# Does He Still Care



## answerseeker321 (Feb 12, 2018)

Hi gentlemen. I want a man's perspective. My husband works full time and goes to school part time. In a typical week: from Monday to Thursday he leaves work at 4pm and goes to school and classes end at 9pm. He gets home around 9:45 or sometimes as late as 11pm if he stays behind after class. On Fridays, work ends at around 4 and he doesn't have any classes on Fridays. Usually I've been missing him all week by the time Friday rolls around because I hardly get to spend any time with him. After work and class he usually comes home tired and either goes straight to bed or goes to the living room to watch a movie or two and then he comes to bed after I'm asleep. 

So on Fridays I know he doesn't have class so every week I hope he'll come home fairly early so we can have some quality time and every week I'm disappointed because he never does. He stays back at work to socialise with his coworkers and sometimes they go out afterwards and he still doesn't get home until around 10pm. I let him know that I miss him and that it bothers me that he doesn't make any time for us but he never does anything to change. At one point I asked him for over a year to take me out and he never made a single plan to take me on a date. We've been married for two years now and besides my last birthday he's never planned a date for us since we started living together 6 months before we got married. Ever. The birthday before the last one I planned it myself. 

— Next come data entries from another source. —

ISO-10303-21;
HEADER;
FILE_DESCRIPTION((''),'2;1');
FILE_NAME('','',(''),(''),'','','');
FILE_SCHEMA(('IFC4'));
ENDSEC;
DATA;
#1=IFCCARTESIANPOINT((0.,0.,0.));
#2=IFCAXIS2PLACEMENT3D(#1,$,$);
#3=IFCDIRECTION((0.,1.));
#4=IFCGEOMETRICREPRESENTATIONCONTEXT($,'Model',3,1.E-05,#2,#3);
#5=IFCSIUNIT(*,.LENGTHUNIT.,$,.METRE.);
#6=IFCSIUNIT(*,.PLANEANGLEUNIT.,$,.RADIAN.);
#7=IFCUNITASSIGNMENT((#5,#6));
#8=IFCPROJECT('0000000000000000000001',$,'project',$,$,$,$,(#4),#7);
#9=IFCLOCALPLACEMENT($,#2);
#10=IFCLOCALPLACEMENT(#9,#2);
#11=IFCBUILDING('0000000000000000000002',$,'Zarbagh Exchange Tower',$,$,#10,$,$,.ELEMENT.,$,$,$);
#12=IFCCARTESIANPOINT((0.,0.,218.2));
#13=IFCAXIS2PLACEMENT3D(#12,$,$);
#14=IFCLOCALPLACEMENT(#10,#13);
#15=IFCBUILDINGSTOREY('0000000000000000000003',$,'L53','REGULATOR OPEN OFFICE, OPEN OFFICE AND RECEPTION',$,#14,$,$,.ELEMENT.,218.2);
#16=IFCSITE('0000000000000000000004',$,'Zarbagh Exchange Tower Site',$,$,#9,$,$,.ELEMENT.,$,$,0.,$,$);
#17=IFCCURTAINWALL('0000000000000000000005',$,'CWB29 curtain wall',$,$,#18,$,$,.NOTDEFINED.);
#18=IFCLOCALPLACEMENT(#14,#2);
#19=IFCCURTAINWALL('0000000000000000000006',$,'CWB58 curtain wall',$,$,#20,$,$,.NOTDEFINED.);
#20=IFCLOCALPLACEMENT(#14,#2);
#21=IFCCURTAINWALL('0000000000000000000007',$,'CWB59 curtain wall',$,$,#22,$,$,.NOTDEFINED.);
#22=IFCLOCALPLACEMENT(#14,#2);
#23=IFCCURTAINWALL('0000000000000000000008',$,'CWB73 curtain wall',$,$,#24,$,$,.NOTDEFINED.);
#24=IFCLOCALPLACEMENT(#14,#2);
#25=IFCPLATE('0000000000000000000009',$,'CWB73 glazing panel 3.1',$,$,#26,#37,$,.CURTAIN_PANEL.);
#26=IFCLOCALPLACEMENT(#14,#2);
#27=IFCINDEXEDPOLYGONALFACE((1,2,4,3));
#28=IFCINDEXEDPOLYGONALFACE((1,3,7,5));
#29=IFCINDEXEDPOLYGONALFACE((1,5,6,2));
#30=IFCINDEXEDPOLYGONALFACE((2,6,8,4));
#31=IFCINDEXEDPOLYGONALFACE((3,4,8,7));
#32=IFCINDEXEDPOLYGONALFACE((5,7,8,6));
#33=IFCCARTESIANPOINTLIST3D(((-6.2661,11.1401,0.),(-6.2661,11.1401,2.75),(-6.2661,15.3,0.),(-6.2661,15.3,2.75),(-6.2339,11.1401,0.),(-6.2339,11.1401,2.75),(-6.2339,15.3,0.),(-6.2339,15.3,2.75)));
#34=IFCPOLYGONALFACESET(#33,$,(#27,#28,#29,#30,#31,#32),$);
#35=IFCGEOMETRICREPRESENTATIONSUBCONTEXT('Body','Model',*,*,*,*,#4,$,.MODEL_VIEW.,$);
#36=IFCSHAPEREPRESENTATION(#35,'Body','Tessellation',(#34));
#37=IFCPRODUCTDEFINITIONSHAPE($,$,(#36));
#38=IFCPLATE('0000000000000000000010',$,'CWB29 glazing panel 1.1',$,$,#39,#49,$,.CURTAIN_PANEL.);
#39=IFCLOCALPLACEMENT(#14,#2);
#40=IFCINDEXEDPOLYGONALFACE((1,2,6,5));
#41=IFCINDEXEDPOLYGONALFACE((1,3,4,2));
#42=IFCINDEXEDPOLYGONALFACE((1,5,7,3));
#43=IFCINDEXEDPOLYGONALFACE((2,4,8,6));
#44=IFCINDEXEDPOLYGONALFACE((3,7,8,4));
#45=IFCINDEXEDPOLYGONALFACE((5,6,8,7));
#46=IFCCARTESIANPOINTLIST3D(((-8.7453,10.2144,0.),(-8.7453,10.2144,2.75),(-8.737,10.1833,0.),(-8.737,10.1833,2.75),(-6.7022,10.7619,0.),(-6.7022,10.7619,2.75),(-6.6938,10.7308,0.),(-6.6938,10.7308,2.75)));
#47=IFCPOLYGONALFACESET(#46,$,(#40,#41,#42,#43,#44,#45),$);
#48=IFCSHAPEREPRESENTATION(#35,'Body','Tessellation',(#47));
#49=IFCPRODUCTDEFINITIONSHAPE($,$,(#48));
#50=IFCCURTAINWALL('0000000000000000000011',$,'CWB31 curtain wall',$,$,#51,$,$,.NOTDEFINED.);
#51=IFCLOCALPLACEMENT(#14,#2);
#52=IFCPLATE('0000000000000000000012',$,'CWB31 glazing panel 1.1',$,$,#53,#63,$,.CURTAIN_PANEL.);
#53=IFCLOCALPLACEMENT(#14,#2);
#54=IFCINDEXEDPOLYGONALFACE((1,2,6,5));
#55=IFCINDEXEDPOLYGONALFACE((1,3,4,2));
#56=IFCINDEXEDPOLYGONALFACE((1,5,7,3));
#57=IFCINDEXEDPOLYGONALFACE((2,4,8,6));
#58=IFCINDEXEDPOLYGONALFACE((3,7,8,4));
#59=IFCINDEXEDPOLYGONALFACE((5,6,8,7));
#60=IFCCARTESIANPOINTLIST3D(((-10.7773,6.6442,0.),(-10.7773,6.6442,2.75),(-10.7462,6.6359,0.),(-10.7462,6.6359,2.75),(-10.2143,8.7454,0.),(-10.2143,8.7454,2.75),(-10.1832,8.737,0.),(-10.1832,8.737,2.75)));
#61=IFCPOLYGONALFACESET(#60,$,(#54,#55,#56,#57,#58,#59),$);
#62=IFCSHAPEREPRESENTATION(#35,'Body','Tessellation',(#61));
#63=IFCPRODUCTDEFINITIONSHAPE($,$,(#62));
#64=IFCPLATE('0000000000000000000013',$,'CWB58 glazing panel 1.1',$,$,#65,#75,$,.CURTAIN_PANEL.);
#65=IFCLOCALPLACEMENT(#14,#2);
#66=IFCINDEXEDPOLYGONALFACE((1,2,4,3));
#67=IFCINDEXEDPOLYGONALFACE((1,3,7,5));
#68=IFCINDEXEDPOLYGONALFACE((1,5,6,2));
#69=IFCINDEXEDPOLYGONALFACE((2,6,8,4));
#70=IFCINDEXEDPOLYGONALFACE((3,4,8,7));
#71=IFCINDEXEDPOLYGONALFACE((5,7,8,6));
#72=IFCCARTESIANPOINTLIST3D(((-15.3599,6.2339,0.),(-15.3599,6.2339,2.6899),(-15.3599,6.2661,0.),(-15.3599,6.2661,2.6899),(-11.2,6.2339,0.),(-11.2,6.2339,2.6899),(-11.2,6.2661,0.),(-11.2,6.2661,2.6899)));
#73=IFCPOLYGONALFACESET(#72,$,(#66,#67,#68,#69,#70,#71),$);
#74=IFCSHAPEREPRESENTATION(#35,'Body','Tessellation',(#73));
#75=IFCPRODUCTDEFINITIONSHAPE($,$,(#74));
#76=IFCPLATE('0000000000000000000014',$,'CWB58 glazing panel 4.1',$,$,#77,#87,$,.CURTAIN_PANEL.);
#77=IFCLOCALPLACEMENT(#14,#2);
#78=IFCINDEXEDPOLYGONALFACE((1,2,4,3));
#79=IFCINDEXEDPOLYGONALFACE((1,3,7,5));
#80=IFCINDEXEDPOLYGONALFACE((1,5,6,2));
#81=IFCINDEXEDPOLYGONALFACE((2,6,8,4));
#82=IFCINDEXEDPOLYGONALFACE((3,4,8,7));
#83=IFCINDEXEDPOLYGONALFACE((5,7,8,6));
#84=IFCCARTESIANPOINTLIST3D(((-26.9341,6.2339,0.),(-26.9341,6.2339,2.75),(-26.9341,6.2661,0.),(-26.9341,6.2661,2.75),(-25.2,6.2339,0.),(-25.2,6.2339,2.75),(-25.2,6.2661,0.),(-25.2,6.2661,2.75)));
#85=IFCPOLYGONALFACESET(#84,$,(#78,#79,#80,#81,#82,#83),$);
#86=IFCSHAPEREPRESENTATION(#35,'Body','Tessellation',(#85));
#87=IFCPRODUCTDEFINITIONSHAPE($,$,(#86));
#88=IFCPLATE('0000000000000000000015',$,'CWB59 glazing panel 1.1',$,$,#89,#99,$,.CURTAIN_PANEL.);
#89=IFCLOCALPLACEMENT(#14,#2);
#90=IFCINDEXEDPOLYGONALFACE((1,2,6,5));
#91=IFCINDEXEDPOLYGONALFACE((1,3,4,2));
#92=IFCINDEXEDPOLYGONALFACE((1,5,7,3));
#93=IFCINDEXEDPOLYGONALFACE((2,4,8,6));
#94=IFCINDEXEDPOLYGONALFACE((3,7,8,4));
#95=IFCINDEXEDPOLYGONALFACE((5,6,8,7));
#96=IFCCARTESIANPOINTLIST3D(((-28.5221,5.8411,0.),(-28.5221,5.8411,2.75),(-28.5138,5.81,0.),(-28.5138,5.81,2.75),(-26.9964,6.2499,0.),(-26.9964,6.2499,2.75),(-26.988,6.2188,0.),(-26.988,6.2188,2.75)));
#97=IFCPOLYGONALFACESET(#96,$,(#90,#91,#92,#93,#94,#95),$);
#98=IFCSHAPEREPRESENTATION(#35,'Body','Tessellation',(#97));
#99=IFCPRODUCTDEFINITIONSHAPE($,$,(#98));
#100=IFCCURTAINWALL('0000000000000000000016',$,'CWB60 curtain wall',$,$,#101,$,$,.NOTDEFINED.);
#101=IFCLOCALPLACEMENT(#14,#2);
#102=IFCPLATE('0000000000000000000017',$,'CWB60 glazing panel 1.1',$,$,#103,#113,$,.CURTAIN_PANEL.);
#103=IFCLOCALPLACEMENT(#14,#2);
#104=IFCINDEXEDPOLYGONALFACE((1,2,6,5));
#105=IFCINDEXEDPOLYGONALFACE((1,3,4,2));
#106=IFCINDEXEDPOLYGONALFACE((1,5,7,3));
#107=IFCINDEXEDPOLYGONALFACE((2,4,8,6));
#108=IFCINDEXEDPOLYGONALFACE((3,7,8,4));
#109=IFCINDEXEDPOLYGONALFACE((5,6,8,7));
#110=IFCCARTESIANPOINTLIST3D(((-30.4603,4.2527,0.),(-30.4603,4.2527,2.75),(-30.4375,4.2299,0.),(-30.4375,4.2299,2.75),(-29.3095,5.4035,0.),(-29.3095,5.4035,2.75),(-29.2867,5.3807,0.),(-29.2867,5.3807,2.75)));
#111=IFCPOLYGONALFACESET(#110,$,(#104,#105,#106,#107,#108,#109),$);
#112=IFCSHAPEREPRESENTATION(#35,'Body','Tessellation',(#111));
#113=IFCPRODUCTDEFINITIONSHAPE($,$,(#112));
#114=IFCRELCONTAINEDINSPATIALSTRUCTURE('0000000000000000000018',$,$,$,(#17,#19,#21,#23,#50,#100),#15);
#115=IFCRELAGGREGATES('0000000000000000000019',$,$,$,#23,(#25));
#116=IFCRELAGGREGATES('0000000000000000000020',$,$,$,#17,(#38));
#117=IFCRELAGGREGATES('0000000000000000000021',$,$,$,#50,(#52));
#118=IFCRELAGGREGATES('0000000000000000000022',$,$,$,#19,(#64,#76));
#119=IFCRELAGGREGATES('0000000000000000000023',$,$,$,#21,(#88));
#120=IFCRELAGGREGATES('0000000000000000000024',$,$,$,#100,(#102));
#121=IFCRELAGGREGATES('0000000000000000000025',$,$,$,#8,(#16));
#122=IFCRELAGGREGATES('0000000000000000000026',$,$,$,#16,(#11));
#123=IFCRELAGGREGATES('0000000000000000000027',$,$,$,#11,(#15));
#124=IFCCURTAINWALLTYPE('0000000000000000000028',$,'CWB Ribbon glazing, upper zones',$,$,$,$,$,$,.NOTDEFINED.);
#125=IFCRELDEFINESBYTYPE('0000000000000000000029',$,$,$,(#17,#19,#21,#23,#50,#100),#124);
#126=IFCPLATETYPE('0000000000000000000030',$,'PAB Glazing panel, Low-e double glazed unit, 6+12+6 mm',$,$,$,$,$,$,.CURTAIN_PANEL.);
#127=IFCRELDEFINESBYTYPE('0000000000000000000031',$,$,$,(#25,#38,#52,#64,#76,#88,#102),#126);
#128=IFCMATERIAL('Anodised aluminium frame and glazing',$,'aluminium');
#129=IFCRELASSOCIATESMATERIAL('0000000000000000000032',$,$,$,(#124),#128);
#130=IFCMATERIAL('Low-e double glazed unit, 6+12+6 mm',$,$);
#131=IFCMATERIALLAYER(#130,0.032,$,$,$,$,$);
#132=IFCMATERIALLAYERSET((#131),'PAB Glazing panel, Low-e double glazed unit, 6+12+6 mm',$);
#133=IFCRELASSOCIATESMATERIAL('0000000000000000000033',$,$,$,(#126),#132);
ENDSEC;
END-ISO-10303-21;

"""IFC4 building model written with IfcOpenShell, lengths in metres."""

from ifc_helpers import new_model, si_unit, direction, frame, origin, place, context, subcontext, project, spatial, polyline, outline, extrude, source, transform, mapped, material, layer, layer_set, type_object, element, aggregate, save


model = new_model("IFC4")

# Units and contexts
model_context = context("Model", 3, precision=1e-05, world=origin(), true_north=direction((0.0, 1.0)))
body_context = subcontext(model_context, "Body", "Model", "MODEL_VIEW")
ifc_project = project(units=[si_unit("LENGTHUNIT", "METRE"), si_unit("PLANEANGLEUNIT", "RADIAN")], contexts=[model_context])

# Site, building, storey
site_placement = place(None, origin())
site = spatial("IfcSite", under=ifc_project, at=site_placement, Name="Zarbagh Exchange Tower Site", CompositionType="ELEMENT", RefElevation=0.0)
building_placement = place(site_placement, origin())
building = spatial("IfcBuilding", under=site, at=building_placement, Name="Zarbagh Exchange Tower", CompositionType="ELEMENT")
storey_placement = place(building_placement, frame((0.0, 0.0, 218.2)))
storey = spatial("IfcBuildingStorey", under=building, at=storey_placement, Name="L53", Description="REGULATOR OPEN OFFICE, OPEN OFFICE AND RECEPTION", CompositionType="ELEMENT", Elevation=218.2)

# Curtain wall
ifc_material_1 = material(Name="Anodised aluminium frame and glazing", Category="aluminium")
curtain_wall_type = type_object("IfcCurtainWallType", Name="CWB Ribbon glazing, upper zones", PredefinedType="NOTDEFINED", material=ifc_material_1)
curtain_wall_1_placement = place(storey_placement, origin())
curtain_wall_1 = element("IfcCurtainWall", 1, at=curtain_wall_1_placement, inside=storey, type_object=curtain_wall_type, Name="CWB29 curtain wall", PredefinedType="NOTDEFINED")
placement = place(storey_placement, origin())

# Curtain wall
curtain_wall_2_placement = place(storey_placement, origin())
curtain_wall_2 = element("IfcCurtainWall", 2, at=curtain_wall_2_placement, inside=storey, type_object=curtain_wall_type, Name="CWB58 curtain wall", PredefinedType="NOTDEFINED")

# Curtain wall
curtain_wall_3_placement = place(storey_placement, origin())
curtain_wall_3 = element("IfcCurtainWall", 3, at=curtain_wall_3_placement, inside=storey, type_object=curtain_wall_type, Name="CWB59 curtain wall", PredefinedType="NOTDEFINED")

# Shared definitions
ifc_material_2 = material(Name="Low-e double glazed unit, 6+12+6 mm")
ifc_layer = layer(ifc_material_2, 0.032)
ifc_layer_set = layer_set([ifc_layer], Name="PAB Glazing panel, Low-e double glazed unit, 6+12+6 mm")
plate_type = type_object("IfcPlateType", Name="PAB Glazing panel, Low-e double glazed unit, 6+12+6 mm", PredefinedType="CURTAIN_PANEL", material=ifc_layer_set)

# Curtain wall, plate
curtain_wall_4_placement = place(storey_placement, origin())
curtain_wall_4 = element("IfcCurtainWall", 4, at=curtain_wall_4_placement, inside=storey, type_object=curtain_wall_type, Name="CWB73 curtain wall", PredefinedType="NOTDEFINED")
shared_shape_1 = source(origin(), body_context, "Body", "SweptSolid", [
    extrude(outline(polyline([(0.0, -0.0161), (4.1599, -0.0161), (4.1599, 0.0161), (0.0, 0.0161), (0.0, -0.0161)])), origin(), (0.0, 0.0, 1.0), 2.75),
])
plate_1 = element("IfcPlate", 5, at=placement, type_object=plate_type, Name="CWB73 glazing panel 3.1", PredefinedType="CURTAIN_PANEL", context=body_context, shape_type="MappedRepresentation", body=[
    mapped(shared_shape_1, transform((-6.25, 15.3, 0.0), x_axis=(0.0, -1.0, 0.0), y_axis=(1.0, 0.0, 0.0), z_axis=(0.0, 0.0, 1.0))),
])
aggregate(curtain_wall_4, [plate_1])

Anyway this past Friday he didn't come home early from work yet again. I decided that I wasn't going to call him. He sent me a message at 10:24pm to say he was out with friends and then another at 3:02am to say he was at a party. He didn't tell me before that he was planning to go out and stay out late. He just went straight from work and told me while he was already out. I finally dozed off and when I woke up around 7am he still wasn't home. Long story short. I got really worried. I called him repeatedly with no answer. I went to his office because he usually goes to work on Saturday mornings too and he wasn't there. I called 911, I went to the police station to report him missing and then at about 11:37am I got a message from his female manager at work asking me to call her urgently. 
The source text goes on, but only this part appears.